Interpreting an expression returns a **value**.

Therefore expression interpretation is also called **evaluation**.

Values are also called **canonical expressions**, or expressions in 
**normal form**.

Normal form: expression that cannot be evaluated further.

In lab 3, we will need four types of values:
- integer values, e.g. -47
- double values, e.g. 3.14159
- boolean values, ``true`` and ``false``
- a void value, which need never be shown


Thus variables are not values, and complex expressions like ``3 + 2`` are not values.

Good approximation (works when values are finite, atomic objects): values are literals.

In the interpreter implementation, 
it is good to have a separate type ``Value`` with a constructor for each type of value.


#NEW

==Operations on values==

**Call by value evaluation strategy**: when executing a function call, first 
evaluate the arguments and then call the function with the obtained 
values as parameters.

The call by value strategy is followed by many languages: C, C++, Java, ML - but
not Haskell (which has "call by need" - lecture 11).

The simplest example are arithmetic operations: the operands are evaluated
first, e.g. in ``x + y``, ``x`` and ``y`` are evaluated first.
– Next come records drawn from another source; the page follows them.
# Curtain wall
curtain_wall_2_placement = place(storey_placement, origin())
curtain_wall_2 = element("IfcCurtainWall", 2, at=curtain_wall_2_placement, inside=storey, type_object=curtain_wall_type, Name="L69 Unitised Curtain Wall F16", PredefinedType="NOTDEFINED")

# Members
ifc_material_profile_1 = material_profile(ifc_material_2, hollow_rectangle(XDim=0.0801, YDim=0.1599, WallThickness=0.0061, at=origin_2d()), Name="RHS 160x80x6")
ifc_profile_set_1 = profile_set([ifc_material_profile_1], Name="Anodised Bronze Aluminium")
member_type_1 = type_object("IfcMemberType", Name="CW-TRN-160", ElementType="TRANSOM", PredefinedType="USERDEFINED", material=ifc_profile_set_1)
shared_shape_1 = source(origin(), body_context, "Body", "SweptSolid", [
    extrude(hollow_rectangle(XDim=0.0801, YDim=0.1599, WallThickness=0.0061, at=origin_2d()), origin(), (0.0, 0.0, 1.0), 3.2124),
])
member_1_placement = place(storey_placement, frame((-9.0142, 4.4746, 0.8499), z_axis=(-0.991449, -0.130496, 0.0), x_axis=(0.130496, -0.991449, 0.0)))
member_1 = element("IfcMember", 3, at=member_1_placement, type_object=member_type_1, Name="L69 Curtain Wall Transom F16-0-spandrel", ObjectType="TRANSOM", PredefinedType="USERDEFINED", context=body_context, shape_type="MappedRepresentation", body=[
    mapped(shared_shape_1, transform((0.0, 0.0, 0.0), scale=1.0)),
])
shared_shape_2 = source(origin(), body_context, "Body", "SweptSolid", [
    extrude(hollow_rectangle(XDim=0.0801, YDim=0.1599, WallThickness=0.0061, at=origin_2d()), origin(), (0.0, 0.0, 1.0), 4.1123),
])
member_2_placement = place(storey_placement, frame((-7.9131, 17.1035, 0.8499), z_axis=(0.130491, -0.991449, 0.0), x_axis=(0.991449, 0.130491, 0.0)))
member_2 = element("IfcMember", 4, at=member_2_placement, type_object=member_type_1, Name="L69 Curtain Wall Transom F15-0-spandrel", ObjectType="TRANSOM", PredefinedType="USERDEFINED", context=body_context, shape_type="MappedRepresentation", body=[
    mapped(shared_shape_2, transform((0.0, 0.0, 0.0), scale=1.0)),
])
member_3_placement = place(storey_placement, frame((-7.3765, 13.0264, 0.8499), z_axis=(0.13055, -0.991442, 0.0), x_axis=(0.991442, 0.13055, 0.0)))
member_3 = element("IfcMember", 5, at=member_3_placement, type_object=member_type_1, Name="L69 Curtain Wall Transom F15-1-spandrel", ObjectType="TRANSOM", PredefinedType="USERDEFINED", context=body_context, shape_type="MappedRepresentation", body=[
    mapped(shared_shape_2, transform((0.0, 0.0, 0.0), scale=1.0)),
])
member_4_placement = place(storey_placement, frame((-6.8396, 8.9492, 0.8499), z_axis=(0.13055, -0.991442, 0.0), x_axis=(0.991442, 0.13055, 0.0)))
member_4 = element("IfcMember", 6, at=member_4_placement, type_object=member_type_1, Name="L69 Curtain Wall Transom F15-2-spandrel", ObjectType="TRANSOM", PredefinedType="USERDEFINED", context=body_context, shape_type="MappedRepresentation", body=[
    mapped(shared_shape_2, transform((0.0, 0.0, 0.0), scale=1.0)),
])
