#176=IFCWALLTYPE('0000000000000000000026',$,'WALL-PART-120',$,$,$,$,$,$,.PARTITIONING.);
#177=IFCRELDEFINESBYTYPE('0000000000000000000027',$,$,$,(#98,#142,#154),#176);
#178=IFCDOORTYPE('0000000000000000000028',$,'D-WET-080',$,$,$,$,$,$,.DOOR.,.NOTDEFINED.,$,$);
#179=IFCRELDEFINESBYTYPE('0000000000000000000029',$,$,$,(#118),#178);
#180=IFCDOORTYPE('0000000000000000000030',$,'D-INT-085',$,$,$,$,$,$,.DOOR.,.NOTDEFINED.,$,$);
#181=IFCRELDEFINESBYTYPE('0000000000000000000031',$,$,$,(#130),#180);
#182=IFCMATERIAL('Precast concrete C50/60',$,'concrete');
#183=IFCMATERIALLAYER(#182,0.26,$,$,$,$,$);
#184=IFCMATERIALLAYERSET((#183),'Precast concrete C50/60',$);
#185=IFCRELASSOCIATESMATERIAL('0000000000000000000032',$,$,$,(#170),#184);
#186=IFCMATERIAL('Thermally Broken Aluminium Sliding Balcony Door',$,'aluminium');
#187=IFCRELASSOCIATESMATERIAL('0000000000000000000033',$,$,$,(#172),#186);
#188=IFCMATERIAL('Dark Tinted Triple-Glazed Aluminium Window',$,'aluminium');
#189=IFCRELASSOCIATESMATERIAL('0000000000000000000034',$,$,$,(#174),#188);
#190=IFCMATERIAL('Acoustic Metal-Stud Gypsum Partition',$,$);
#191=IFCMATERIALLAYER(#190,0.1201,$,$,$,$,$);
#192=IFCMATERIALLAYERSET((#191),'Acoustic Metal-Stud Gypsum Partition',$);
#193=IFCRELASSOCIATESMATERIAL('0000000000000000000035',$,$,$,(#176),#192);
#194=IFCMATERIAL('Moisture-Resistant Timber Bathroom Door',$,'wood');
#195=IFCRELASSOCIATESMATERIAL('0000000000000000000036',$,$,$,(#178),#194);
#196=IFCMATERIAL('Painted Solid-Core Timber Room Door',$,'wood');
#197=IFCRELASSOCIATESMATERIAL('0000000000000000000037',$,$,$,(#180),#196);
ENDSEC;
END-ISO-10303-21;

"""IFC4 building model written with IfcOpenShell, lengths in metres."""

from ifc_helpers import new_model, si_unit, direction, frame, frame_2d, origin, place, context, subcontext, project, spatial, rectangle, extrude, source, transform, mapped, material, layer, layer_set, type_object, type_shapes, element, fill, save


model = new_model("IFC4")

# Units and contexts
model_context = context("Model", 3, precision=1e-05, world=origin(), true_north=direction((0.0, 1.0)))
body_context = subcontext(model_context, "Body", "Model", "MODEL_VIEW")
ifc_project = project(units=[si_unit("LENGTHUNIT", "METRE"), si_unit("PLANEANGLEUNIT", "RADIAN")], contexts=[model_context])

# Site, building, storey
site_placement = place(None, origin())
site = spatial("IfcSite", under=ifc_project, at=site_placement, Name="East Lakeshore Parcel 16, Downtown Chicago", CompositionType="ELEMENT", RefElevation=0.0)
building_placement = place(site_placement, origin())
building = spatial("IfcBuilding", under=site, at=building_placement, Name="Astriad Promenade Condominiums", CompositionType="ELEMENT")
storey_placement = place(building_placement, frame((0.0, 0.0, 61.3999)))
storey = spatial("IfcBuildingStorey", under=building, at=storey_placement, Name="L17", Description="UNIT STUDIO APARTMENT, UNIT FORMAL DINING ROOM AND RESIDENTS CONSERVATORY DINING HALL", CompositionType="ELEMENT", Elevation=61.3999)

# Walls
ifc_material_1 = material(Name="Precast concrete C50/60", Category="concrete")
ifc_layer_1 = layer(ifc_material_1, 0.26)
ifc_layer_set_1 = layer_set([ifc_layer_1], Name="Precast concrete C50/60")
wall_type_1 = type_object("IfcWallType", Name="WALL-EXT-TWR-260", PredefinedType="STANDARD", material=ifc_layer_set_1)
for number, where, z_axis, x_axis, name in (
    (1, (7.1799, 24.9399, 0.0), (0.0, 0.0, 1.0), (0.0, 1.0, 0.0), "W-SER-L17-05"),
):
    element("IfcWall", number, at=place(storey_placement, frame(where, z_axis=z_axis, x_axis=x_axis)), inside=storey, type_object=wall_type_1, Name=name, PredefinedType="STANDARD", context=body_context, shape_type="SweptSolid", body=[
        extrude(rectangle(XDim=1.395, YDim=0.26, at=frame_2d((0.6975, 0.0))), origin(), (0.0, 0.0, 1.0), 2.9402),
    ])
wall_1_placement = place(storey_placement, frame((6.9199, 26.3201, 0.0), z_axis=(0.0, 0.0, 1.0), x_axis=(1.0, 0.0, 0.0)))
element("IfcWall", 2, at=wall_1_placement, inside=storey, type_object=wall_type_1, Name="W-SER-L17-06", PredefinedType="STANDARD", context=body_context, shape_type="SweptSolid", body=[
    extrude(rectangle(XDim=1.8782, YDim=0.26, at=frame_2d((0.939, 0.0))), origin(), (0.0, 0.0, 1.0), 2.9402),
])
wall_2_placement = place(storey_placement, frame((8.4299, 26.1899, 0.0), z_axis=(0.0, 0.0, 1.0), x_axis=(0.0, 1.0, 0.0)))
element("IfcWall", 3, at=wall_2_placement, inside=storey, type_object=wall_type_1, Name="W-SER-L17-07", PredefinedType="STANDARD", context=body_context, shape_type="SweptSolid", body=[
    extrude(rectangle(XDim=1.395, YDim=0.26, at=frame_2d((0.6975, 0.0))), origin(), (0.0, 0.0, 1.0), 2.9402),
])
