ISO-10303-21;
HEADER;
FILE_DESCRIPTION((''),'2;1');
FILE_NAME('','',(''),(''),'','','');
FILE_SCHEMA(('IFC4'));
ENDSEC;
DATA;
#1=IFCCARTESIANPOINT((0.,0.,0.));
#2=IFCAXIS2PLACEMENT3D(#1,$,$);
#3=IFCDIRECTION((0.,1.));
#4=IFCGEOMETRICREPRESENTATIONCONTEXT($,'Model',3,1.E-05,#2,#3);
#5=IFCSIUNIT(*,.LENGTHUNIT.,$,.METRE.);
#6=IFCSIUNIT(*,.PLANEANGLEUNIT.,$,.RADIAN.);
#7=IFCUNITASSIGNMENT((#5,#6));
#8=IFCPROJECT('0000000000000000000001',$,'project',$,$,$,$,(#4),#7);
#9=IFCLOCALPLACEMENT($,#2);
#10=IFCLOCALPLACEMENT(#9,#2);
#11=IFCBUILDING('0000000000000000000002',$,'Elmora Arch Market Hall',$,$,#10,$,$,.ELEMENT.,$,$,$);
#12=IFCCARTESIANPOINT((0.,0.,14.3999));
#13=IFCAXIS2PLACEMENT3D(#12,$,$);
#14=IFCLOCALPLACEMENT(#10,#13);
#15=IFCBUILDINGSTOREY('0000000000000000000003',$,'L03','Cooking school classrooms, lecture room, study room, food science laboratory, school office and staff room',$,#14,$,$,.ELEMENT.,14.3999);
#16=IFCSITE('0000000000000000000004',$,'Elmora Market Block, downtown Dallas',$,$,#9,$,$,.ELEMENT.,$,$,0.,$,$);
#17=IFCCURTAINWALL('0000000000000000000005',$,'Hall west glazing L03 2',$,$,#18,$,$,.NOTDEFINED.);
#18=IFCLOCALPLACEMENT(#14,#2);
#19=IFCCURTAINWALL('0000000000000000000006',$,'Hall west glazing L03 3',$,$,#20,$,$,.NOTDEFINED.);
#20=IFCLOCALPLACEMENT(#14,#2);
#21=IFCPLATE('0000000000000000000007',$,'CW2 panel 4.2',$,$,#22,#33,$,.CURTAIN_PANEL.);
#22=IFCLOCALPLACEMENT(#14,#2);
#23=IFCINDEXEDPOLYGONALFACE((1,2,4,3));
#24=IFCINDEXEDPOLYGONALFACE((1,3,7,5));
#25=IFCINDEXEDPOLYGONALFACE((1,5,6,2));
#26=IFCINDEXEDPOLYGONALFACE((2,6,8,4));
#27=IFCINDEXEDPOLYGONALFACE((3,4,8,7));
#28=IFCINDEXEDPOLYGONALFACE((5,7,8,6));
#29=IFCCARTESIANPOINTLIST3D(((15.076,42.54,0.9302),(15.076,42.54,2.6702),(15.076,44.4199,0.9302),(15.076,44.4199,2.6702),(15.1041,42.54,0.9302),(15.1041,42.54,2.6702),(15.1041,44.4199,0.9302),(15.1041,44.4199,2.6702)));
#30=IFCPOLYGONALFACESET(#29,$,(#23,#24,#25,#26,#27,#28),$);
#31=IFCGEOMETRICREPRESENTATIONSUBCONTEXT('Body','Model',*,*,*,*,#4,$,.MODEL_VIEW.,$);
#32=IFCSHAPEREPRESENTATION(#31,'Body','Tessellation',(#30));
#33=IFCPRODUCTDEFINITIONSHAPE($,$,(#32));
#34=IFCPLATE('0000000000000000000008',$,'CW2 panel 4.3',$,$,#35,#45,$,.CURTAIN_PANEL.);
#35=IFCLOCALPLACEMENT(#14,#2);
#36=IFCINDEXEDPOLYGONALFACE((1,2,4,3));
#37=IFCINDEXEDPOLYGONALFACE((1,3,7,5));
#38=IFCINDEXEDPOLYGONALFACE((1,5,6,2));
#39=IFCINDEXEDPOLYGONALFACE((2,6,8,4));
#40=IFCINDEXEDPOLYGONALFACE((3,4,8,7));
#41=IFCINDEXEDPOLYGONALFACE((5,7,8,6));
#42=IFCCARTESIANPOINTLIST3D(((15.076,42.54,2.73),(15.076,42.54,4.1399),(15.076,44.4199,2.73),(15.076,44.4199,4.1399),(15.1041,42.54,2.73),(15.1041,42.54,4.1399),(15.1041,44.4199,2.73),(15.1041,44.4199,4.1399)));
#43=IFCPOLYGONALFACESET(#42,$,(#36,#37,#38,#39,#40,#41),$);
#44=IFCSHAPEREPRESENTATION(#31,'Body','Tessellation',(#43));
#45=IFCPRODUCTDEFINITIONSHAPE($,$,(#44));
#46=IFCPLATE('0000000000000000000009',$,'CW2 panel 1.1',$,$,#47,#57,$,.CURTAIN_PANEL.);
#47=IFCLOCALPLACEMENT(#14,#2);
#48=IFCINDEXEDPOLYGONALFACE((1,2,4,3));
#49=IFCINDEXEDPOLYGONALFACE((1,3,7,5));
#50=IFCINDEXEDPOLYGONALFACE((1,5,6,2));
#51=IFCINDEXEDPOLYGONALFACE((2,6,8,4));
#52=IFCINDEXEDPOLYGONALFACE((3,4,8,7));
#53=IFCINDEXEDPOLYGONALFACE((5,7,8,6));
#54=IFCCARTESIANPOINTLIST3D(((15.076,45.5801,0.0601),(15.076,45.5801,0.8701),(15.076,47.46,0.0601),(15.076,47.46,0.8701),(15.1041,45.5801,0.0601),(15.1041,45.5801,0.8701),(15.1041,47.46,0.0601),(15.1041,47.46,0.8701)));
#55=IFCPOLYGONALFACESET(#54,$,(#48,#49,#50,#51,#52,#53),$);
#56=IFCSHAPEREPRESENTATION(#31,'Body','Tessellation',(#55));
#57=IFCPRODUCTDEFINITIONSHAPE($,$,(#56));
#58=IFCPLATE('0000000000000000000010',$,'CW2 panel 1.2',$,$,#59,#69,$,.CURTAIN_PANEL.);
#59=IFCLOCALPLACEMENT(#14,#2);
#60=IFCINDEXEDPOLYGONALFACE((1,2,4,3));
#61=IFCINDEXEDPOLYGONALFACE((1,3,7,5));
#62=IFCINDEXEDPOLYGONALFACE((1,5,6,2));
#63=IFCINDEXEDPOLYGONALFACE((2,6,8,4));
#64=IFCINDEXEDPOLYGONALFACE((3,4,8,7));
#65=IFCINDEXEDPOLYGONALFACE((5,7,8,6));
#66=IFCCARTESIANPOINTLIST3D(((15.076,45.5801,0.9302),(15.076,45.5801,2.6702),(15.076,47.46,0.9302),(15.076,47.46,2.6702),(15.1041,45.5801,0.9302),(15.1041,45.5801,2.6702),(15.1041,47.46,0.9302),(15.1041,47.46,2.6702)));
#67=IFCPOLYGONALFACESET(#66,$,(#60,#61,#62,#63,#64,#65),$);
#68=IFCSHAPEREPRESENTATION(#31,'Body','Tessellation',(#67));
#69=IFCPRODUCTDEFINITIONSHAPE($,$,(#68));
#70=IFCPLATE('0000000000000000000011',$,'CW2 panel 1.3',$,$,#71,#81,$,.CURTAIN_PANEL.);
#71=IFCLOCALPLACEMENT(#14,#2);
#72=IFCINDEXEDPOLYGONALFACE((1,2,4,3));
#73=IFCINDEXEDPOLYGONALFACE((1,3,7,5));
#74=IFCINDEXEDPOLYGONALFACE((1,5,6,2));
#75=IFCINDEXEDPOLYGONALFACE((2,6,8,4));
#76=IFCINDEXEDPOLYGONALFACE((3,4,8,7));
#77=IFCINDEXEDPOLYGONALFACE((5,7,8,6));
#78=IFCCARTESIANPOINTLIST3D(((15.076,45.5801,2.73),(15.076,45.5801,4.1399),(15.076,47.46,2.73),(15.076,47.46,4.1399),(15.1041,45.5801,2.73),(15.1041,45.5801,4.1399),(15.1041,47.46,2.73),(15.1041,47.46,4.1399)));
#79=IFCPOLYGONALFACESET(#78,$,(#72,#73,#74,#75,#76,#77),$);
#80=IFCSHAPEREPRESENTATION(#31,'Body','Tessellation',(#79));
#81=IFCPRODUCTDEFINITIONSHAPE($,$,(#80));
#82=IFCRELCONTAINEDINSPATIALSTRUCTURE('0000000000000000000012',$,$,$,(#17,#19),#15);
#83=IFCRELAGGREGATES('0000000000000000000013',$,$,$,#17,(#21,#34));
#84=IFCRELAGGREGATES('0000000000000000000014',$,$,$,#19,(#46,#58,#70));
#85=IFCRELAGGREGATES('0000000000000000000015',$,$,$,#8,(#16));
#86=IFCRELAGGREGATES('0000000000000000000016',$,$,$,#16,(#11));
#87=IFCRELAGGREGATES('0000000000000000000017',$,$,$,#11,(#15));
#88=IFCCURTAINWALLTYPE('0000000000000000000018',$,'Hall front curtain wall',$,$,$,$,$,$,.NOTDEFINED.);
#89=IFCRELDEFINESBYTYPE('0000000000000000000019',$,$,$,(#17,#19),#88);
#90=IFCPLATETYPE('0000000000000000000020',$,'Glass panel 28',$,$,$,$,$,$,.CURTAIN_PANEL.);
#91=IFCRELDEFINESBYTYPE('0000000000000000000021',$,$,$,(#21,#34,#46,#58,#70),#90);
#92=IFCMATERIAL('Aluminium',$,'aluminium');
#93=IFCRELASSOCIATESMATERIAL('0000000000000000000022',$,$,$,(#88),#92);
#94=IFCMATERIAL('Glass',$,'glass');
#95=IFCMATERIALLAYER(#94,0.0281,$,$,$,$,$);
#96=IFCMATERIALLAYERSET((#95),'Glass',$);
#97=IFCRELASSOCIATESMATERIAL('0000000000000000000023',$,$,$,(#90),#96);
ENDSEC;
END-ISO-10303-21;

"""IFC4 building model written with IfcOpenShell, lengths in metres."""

from ifc_helpers import new_model, si_unit, direction, frame, origin, origin_2d, place, context, subcontext, project, spatial, rectangle, extrude, material, layer, layer_set, type_object, element, aggregate, save


model = new_model("IFC4")

# Units and contexts
model_context = context("Model", 3, precision=1e-05, world=origin(), true_north=direction((0.0, 1.0)))
body_context = subcontext(model_context, "Body", "Model", "MODEL_VIEW")
ifc_project = project(units=[si_unit("LENGTHUNIT", "METRE"), si_unit("PLANEANGLEUNIT", "RADIAN")], contexts=[model_context])

# Site, building, storey
site_placement = place(None, origin())
site = spatial("IfcSite", under=ifc_project, at=site_placement, Name="Elmora Market Block, downtown Dallas", CompositionType="ELEMENT", RefElevation=0.0)
building_placement = place(site_placement, origin())
building = spatial("IfcBuilding", under=site, at=building_placement, Name="Elmora Arch Market Hall", CompositionType="ELEMENT")
storey_placement = place(building_placement, frame((0.0, 0.0, 14.3999)))
storey = spatial("IfcBuildingStorey", under=building, at=storey_placement, Name="L03", Description="Cooking school classrooms, lecture room, study room, food science laboratory, school office and staff room", CompositionType="ELEMENT", Elevation=14.3999)

# Curtain walls
ifc_material_1 = material(Name="Aluminium", Category="aluminium")
curtain_wall_type = type_object("IfcCurtainWallType", Name="Hall front curtain wall", PredefinedType="NOTDEFINED", material=ifc_material_1)
curtain_wall_1_placement = place(storey_placement, origin())
curtain_wall_1 = element("IfcCurtainWall", 1, at=curtain_wall_1_placement, inside=storey, type_object=curtain_wall_type, Name="Hall west glazing L03 2", PredefinedType="NOTDEFINED")
curtain_wall_2_placement = place(storey_placement, origin())
curtain_wall_2 = element("IfcCurtainWall", 2, at=curtain_wall_2_placement, inside=storey, type_object=curtain_wall_type, Name="Hall west glazing L03 3", PredefinedType="NOTDEFINED")

# Plates
ifc_material_2 = material(Name="Glass", Category="glass")
ifc_layer = layer(ifc_material_2, 0.0281)
ifc_layer_set = layer_set([ifc_layer], Name="Glass")
plate_type = type_object("IfcPlateType", Name="Glass panel 28", PredefinedType="CURTAIN_PANEL", material=ifc_layer_set)
plate_1_placement = place(storey_placement, frame((15.0901, 43.48, 0.9302), z_axis=(0.0, 0.0, 1.0), x_axis=(0.0, 1.0, 0.0)))
plate_1 = element("IfcPlate", 3, at=plate_1_placement, type_object=plate_type, Name="CW2 panel 4.2", PredefinedType="CURTAIN_PANEL", context=body_context, shape_type="SweptSolid", body=[
    extrude(rectangle(XDim=1.8799, YDim=0.0281, at=origin_2d()), origin(), (0.0, 0.0, 1.0), 1.74),
])
plate_2_placement = place(storey_placement, frame((15.0901, 43.48, 2.73), z_axis=(0.0, 0.0, 1.0), x_axis=(0.0, 1.0, 0.0)))
plate_2 = element("IfcPlate", 4, at=plate_2_placement, type_object=plate_type, Name="CW2 panel 4.3", PredefinedType="CURTAIN_PANEL", context=body_context, shape_type="SweptSolid", body=[
    extrude(rectangle(XDim=1.8799, YDim=0.0281, at=origin_2d()), origin(), (0.0, 0.0, 1.0), 1.4099),
])
aggregate(curtain_wall_1, [plate_1, plate_2])
plate_3_placement = place(storey_placement, frame((15.0901, 46.52, 0.0601), z_axis=(0.0, 0.0, 1.0), x_axis=(0.0, 1.0, 0.0)))
plate_3 = element("IfcPlate", 5, at=plate_3_placement, type_object=plate_type, Name="CW2 panel 1.1", PredefinedType="CURTAIN_PANEL", context=body_context, shape_type="SweptSolid", body=[
    extrude(rectangle(XDim=1.8799, YDim=0.0281, at=origin_2d()), origin(), (0.0, 0.0, 1.0), 0.8101),
])
plate_4_placement = place(storey_placement, frame((15.0901, 46.52, 0.9302), z_axis=(0.0, 0.0, 1.0), x_axis=(0.0, 1.0, 0.0)))
plate_4 = element("IfcPlate", 6, at=plate_4_placement, type_object=plate_type, Name="CW2 panel 1.2", PredefinedType="CURTAIN_PANEL", context=body_context, shape_type="SweptSolid", body=[
    extrude(rectangle(XDim=1.8799, YDim=0.0281, at=origin_2d()), origin(), (0.0, 0.0, 1.0), 1.74),
])
plate_5_placement = place(storey_placement, frame((15.0901, 46.52, 2.73), z_axis=(0.0, 0.0, 1.0), x_axis=(0.0, 1.0, 0.0)))
plate_5 = element("IfcPlate", 7, at=plate_5_placement, type_object=plate_type, Name="CW2 panel 1.3", PredefinedType="CURTAIN_PANEL", context=body_context, shape_type="SweptSolid", body=[
    extrude(rectangle(XDim=1.8799, YDim=0.0281, at=origin_2d()), origin(), (0.0, 0.0, 1.0), 1.4099),
])
aggregate(curtain_wall_2, [plate_3, plate_4, plate_5])

save(model, "model.ifc")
The values
are then added by a plus operation defined for values.


#NEW

==Environments for interpreters==

The **signature** holds the interpretations of functions.
- It maps each function name to a function (written in the implementation language!)
  which sends values of arguments to a return value.
- In Lab3, we need not necessarily have a signature - we just need
  interpretation rules for each of the four built-in functions.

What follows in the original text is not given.